Dante is making a necklace with 18 rows of tiny beads in which the number of beads per row is given by the series 3 + 10 + 17 + 24 + ... If you were to write this series in summation notation, give the lower limit of the sum the upper limit of the sum the explicit formula of the sum Find the total number of beads in the necklace. Explain your method for finding the total number of beads.
To write the series in summation notation, we notice that the pattern of the series is an arithmetic sequence with a common difference of 7 starting from 3. Therefore, the explicit formula for the number of beads in the nth row is given by:
a(n) = 3 + 7(n-1)
The lower limit of the sum is n=1 (since we start from the first row) and the upper limit of the sum is n=18 (since there are 18 rows in total).
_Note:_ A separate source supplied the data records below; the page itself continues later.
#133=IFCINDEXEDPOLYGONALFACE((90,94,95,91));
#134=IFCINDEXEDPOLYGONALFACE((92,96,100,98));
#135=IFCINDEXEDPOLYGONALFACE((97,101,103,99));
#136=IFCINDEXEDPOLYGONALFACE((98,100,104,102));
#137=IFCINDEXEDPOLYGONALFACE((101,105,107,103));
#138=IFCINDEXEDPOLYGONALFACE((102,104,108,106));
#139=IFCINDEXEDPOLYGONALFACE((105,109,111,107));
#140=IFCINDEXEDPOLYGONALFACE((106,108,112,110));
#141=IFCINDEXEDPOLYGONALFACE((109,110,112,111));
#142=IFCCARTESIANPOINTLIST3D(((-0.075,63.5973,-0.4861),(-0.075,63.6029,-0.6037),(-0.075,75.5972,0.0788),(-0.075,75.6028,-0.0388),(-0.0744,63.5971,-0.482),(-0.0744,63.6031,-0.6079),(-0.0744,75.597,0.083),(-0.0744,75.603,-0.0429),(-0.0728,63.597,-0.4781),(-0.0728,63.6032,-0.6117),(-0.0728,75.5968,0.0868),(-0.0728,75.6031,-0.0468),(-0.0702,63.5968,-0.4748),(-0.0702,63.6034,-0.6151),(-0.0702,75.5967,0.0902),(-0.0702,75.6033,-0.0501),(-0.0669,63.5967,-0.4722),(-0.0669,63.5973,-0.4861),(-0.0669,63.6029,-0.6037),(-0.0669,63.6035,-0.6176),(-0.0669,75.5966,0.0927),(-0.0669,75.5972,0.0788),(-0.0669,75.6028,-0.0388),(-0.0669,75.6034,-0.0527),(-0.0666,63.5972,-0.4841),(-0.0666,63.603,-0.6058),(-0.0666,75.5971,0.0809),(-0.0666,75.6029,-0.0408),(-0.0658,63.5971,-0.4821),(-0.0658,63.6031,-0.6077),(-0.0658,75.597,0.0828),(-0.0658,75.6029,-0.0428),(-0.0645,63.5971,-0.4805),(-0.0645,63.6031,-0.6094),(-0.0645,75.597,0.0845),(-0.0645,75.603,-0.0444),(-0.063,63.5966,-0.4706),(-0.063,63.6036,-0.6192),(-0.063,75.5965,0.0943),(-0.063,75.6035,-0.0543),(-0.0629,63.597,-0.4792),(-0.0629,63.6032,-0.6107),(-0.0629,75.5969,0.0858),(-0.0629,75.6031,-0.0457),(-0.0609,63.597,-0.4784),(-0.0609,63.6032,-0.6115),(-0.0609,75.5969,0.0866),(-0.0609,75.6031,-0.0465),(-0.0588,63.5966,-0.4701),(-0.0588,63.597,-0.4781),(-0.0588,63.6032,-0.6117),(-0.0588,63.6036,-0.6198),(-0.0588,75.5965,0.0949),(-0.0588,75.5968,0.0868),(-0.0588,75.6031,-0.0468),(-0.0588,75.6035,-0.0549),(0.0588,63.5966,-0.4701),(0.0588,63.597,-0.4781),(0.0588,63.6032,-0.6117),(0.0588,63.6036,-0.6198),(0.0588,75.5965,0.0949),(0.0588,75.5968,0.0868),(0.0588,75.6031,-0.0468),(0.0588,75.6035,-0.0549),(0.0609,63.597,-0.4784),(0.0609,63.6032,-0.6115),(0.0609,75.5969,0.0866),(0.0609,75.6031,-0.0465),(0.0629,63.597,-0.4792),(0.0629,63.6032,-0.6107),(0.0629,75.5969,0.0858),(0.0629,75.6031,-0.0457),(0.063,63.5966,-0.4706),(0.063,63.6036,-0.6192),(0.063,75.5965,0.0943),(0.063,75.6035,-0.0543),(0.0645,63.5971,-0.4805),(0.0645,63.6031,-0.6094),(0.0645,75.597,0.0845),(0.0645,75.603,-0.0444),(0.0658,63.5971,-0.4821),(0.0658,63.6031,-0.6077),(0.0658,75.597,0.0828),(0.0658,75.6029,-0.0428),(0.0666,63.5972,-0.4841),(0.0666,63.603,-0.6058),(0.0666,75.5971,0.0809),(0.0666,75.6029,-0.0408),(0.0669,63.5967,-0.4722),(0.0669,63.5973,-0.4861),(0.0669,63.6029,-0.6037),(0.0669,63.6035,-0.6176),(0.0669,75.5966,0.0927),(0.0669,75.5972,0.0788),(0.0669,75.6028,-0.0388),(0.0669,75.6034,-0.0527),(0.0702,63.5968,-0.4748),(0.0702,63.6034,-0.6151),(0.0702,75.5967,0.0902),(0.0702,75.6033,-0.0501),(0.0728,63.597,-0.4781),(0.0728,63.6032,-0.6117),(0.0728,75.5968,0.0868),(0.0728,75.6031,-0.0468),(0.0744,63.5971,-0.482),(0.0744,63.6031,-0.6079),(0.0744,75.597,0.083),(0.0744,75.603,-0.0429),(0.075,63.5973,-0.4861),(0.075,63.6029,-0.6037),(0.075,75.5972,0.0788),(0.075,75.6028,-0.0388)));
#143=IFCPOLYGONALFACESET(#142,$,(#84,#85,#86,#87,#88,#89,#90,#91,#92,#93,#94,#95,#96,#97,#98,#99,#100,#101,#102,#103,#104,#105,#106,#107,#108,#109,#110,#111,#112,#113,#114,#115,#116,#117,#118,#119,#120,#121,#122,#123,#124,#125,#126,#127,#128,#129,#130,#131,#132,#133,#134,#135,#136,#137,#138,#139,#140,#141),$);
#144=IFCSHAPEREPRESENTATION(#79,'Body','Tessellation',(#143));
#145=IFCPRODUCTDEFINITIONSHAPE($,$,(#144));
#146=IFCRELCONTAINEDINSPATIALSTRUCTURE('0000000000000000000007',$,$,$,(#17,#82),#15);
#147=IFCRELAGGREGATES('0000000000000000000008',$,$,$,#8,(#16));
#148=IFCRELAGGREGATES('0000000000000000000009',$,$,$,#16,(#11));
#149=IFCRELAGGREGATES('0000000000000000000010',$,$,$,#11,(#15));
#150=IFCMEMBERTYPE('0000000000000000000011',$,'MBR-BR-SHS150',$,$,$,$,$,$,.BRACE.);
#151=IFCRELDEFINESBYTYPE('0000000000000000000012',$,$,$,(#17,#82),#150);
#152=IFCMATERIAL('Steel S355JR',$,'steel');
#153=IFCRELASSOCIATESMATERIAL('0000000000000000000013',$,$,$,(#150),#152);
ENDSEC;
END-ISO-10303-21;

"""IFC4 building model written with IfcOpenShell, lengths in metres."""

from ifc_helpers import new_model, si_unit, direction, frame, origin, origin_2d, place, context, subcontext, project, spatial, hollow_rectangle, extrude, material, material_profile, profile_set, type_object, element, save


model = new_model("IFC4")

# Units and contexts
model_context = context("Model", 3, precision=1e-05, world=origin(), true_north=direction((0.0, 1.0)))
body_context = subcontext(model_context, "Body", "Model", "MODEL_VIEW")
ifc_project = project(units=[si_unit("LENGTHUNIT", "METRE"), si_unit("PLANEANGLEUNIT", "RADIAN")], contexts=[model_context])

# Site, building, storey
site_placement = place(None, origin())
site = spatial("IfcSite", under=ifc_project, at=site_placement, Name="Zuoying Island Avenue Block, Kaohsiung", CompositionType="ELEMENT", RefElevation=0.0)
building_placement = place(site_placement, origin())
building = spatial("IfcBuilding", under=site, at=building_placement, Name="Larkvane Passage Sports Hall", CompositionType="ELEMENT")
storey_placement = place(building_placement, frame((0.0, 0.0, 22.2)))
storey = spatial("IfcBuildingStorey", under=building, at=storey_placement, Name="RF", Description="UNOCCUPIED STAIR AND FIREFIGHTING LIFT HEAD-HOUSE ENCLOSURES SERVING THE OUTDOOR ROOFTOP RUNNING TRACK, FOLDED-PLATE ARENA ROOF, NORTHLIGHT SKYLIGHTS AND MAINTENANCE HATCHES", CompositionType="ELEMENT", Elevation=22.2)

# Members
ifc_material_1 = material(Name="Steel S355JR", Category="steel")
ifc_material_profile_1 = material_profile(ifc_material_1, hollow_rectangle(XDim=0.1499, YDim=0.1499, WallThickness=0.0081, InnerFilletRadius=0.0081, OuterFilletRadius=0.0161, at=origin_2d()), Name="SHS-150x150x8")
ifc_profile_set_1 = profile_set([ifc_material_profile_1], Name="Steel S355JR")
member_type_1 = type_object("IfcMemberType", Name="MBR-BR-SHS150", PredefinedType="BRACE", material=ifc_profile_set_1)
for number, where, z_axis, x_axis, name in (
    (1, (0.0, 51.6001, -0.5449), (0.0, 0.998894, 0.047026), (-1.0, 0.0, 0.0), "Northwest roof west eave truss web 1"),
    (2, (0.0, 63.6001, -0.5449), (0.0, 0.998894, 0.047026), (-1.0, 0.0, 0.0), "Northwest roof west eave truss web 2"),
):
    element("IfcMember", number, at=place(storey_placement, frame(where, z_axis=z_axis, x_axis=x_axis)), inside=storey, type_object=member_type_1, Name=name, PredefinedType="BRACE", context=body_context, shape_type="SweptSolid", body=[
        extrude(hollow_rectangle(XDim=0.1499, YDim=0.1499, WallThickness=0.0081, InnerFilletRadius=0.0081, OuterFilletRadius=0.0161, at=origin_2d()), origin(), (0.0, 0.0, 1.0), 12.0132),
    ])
Therefore, the series can be written in summation notation as:
Σ[3 + 7(n-1)] from n=1 to 18
To find the total number of beads in the necklace, we need to find the sum of the series. Using the formula for the sum of an arithmetic series, which is given by:
S = n/2 [2a + (n-1)d]
where S is the sum, n is the number of terms, a is the first term, and d is the common difference, we can plug in the values:
n = 18 (number of rows)
a = 3 (first term)
d = 7 (common difference)
S = 18/2 [2(3) + (18-1)7]
S = 9 [6 + 119]
S = 9 [125]
S = 1125
Therefore, the total number of beads in the necklace is 1125.